The protective performance of rubber protection wax is affected by many factors, among which the main influencing factors are carbon number distribution of rubber protection wax, proportion of n-isomeric hydrocarbons, use temperature, degree of crosslinking, compounding agent, type of rubber compound, load, filler and softeners, etc.
Among them, the distribution of carbon atom number and the proportion of n-isomeric hydrocarbons are the key factors, which have a decisive influence on the protective performance of rubber protection wax.
1. Carbon number distribution of rubber protection wax
The alkane with low carbon number has small relative molecular mass, low melting point and low branching degree, and is easy to migrate from the rubber to the surface of the rubber, but the low carbon number alkane will dissolve in the rubber after the temperature rises.
When the number of carbon atoms is higher, the migration speed is slower, the resulting protection wax film is very thin, cannot form a protective layer, and has almost no protective effect on the rubber.
2. The chemical composition of rubber protection wax
Rubber protection wax is mainly composed of n-alkanes, iso-alkanes and cyclic hydrocarbons. When the relative molecular weight is the same, the migration speed of n-alkanes is faster than that of iso-alkanes. The more branches of iso-alkanes, the slower the migration speed. Cyclic hydrocarbons with long side chains migrate more slowly.
The n-alkane crystals are large flakes and loose, and ozone in the atmosphere easily penetrates the protection wax film to erode the rubber surface.
After adding a certain amount of isoparaffins to n-paraffins, since the regularity of crystalline molecules is destroyed, a wax film with fine, amorphous and dense crystals can be obtained, thereby enhancing its ability to resist ozone erosion.
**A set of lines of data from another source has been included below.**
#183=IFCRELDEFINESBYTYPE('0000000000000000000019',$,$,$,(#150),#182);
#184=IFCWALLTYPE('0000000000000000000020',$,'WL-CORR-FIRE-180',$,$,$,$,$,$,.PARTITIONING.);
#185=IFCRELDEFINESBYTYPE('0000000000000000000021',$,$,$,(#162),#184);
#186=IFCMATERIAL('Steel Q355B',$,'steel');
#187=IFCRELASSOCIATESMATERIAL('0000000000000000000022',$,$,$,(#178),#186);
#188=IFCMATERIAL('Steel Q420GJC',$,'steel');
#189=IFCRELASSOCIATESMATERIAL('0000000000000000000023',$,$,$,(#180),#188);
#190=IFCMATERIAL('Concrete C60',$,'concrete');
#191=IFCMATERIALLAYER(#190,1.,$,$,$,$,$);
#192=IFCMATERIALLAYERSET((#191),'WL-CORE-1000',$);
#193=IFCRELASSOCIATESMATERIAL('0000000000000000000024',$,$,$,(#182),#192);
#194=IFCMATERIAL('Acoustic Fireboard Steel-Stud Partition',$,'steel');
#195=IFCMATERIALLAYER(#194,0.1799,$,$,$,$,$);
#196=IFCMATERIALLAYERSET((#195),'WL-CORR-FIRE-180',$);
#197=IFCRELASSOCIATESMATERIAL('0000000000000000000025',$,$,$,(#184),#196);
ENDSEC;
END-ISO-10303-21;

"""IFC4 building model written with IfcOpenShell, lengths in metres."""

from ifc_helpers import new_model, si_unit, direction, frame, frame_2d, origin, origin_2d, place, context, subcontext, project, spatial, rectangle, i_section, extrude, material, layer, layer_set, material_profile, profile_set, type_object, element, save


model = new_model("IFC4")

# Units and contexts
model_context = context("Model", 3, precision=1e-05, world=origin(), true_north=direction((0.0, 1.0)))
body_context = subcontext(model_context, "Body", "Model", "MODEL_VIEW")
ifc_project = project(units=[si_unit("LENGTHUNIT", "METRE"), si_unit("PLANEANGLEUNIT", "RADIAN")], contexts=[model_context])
3. Use temperature of rubber protection wax
When the operating temperature of the rubber is -5~55℃, ozone has an aging effect on the rubber; when the operating temperature is lower than -5℃, due to the scarcity of activated molecules, the two cannot chemically react, that is, the rubber will not be affected by ozone. produce aging phenomenon;
When the operating temperature is above 55°C, ozone will decompose to generate harmless oxygen, so the rubber will not be aged due to ozone.
Therefore, the composition of the appropriate number of carbon atoms of the rubber protection wax should be controlled. Otherwise, at any temperature point in the range of 0 to 55 °C, the protection wax cannot be guaranteed to play its due protective role.
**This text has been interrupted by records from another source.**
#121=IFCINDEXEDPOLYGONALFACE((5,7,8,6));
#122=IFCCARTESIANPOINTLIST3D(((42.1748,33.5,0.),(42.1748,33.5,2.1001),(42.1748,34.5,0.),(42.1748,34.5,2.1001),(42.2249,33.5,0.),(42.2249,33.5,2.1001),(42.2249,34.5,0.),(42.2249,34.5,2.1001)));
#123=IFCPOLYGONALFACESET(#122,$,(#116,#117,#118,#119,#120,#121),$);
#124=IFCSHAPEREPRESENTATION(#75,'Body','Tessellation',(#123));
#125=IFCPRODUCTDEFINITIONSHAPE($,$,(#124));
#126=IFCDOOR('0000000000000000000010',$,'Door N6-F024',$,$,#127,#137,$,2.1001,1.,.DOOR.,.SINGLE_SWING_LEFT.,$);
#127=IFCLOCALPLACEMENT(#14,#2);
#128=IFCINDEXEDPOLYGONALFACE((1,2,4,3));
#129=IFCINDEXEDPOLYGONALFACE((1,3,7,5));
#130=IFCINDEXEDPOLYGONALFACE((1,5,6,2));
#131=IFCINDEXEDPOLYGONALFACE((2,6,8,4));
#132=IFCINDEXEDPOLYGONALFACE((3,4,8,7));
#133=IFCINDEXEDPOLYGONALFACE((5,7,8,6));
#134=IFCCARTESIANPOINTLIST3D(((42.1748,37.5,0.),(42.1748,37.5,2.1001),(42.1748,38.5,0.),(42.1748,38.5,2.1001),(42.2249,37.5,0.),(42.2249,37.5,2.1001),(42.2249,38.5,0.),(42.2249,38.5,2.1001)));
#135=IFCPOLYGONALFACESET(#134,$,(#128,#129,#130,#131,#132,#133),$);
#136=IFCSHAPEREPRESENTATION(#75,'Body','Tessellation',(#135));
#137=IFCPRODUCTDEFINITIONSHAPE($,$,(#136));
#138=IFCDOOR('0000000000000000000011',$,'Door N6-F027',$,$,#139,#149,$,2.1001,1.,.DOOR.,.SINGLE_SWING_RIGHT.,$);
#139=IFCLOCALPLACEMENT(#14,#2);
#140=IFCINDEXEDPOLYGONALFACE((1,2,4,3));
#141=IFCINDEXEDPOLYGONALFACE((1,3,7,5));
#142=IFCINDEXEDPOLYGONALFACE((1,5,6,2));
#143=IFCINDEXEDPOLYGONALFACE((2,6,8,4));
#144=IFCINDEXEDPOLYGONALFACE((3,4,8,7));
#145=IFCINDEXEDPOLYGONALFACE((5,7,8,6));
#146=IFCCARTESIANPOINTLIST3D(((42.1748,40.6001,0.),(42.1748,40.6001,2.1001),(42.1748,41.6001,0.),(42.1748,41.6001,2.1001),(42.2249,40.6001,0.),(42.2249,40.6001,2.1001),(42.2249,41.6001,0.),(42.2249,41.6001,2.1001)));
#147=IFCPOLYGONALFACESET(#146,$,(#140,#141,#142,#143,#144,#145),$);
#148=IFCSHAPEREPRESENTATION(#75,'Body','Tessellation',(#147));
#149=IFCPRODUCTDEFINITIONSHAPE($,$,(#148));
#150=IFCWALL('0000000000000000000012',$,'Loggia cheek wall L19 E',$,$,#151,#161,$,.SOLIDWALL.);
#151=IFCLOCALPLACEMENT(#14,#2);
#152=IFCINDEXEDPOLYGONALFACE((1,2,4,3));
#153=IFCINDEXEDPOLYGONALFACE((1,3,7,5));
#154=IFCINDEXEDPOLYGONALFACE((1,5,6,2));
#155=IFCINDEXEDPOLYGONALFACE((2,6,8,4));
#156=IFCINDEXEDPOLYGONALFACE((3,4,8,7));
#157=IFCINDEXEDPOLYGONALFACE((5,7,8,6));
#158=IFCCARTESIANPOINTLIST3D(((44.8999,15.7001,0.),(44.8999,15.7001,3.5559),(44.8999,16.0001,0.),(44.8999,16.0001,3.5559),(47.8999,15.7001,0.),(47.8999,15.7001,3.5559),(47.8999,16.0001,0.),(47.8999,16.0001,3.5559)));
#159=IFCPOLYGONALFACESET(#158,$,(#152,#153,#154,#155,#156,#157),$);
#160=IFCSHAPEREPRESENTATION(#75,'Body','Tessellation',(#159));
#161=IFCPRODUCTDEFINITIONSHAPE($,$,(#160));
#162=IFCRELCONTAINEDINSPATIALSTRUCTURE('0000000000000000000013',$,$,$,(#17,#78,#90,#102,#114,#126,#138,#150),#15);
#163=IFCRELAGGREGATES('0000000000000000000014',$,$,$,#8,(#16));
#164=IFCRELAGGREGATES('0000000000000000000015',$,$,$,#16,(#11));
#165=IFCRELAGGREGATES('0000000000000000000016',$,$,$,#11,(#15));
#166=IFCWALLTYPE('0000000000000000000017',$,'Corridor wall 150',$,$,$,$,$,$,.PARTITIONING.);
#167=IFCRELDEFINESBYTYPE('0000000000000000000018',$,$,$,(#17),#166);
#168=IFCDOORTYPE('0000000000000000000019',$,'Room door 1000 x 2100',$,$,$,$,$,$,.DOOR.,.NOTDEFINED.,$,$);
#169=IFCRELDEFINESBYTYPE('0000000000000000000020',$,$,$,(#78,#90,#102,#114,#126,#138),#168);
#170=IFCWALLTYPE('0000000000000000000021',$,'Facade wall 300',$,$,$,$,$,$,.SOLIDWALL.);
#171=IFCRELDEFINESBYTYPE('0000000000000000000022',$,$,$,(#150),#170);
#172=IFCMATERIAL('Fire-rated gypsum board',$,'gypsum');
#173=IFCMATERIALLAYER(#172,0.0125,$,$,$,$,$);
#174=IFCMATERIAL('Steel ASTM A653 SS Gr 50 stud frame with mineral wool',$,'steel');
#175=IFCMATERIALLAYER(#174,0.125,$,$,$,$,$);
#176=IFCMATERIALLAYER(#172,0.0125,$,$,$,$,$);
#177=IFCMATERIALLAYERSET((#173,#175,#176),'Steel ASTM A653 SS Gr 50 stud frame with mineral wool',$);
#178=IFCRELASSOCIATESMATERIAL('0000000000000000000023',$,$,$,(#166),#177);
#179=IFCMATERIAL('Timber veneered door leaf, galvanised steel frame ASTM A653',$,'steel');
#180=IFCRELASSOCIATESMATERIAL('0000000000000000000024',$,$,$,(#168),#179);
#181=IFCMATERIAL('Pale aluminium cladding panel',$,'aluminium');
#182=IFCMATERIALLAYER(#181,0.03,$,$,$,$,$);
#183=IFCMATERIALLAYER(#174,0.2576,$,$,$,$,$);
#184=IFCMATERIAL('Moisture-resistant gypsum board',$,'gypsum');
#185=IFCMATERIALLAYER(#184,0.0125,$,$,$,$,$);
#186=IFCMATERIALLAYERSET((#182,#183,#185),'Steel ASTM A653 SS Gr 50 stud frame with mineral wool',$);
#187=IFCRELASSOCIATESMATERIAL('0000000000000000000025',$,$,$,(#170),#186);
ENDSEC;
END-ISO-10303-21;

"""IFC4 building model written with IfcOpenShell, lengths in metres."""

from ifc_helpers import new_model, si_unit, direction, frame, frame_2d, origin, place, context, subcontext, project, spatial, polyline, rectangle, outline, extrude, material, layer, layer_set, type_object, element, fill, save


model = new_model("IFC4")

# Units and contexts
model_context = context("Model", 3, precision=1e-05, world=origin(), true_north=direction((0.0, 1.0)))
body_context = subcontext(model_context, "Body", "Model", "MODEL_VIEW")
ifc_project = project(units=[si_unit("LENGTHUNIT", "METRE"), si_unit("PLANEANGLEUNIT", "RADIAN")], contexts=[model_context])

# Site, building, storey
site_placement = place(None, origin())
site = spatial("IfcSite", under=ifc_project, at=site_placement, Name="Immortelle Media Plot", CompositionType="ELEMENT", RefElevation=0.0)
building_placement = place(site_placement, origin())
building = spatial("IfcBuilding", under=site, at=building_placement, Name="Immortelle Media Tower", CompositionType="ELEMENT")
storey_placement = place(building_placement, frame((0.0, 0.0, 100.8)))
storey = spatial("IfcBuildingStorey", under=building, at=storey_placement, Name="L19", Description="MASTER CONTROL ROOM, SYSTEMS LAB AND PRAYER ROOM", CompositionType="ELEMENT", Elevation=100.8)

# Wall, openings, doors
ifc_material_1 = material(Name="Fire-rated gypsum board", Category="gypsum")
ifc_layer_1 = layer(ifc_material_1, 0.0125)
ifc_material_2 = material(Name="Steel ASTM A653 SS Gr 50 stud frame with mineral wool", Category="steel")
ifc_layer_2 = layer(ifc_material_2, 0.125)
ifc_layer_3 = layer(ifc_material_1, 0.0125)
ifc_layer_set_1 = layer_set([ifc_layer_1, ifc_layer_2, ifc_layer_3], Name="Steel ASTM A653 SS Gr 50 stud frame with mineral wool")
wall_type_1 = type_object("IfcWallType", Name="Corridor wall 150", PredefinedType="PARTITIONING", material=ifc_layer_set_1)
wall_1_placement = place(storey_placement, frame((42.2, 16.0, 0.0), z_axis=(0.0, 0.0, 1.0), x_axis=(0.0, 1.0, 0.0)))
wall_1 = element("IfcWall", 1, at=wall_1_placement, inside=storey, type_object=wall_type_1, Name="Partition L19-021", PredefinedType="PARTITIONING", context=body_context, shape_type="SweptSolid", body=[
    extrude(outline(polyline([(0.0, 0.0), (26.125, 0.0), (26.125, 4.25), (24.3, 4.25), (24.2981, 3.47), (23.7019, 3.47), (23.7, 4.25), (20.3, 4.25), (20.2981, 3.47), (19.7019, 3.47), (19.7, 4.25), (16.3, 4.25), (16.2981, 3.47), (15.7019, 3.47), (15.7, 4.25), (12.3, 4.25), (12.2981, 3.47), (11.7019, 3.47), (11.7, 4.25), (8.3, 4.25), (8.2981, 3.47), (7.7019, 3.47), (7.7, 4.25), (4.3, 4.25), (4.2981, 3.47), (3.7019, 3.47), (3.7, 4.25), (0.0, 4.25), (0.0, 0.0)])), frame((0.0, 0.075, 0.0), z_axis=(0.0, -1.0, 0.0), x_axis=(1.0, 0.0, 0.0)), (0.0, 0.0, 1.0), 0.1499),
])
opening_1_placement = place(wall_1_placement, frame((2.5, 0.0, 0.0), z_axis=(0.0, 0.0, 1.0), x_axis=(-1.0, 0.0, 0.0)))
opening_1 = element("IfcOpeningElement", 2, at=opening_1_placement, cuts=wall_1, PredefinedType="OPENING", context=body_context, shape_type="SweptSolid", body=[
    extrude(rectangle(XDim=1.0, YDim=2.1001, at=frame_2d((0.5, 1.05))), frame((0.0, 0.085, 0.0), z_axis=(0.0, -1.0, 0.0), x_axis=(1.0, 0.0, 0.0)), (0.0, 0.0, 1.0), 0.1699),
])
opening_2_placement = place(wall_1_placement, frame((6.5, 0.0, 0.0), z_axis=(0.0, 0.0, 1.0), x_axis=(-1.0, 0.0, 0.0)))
4. Rubber protection wax compound
Different sizing materials have different adaptability to the protective effect of protection wax. For example, in the NR/SBR/BR system, the ozone test shows that the protective effect of microcrystalline wax is significantly better than that of ordinary paraffin.
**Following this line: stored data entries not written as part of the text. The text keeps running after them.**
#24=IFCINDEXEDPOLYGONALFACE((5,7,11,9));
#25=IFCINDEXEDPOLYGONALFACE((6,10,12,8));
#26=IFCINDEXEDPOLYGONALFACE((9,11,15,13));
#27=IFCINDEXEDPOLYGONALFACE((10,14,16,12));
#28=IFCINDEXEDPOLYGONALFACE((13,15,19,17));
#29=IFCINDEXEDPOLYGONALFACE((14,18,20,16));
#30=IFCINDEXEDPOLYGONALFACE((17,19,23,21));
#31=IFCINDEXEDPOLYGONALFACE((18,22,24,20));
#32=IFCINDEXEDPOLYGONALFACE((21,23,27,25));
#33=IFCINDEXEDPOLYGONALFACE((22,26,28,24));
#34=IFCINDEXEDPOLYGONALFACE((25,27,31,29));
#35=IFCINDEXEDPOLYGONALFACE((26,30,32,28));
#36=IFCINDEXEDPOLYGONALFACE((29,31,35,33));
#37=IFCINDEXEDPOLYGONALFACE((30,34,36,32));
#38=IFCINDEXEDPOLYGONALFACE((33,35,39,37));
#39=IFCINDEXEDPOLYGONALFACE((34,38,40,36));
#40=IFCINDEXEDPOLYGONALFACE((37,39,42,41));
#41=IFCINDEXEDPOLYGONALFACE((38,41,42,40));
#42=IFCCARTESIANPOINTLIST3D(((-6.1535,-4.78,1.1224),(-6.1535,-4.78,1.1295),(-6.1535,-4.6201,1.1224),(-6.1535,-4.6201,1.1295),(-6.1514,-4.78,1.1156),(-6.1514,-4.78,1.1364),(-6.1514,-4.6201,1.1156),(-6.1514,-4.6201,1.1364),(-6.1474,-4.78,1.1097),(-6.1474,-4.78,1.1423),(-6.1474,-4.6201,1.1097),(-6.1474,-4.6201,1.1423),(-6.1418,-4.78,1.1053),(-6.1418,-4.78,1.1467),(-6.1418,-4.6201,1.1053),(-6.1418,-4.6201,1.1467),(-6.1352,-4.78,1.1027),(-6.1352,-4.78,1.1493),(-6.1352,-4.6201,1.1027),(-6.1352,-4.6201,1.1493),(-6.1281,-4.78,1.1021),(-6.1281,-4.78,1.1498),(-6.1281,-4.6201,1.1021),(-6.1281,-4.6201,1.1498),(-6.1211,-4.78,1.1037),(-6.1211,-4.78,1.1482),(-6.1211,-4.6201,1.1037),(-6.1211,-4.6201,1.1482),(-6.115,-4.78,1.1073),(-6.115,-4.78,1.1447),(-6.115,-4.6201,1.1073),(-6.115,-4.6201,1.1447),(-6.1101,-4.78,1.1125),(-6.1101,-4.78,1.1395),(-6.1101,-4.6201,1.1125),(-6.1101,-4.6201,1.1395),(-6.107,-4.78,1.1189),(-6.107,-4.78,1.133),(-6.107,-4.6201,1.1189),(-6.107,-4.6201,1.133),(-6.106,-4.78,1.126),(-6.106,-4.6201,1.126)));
Different sizing materials, the exposure results are sometimes opposite. The test results of the NR/SBR/BR system show that the microcrystalline wax is significantly better than the ordinary paraffin wax.
5. Rubber protection wax filler
After adding fillers, some fillers will promote the migration of protection wax, such as channel carbon black, white carbon black, lamp smoke carbon black, etc.; some fillers will inhibit or slow down the migration of protection wax.
If calcium carbonate filler is added, the ejection speed will be reduced below that of a compound without filler. The higher the activity of the filler, the more wax will be ejected.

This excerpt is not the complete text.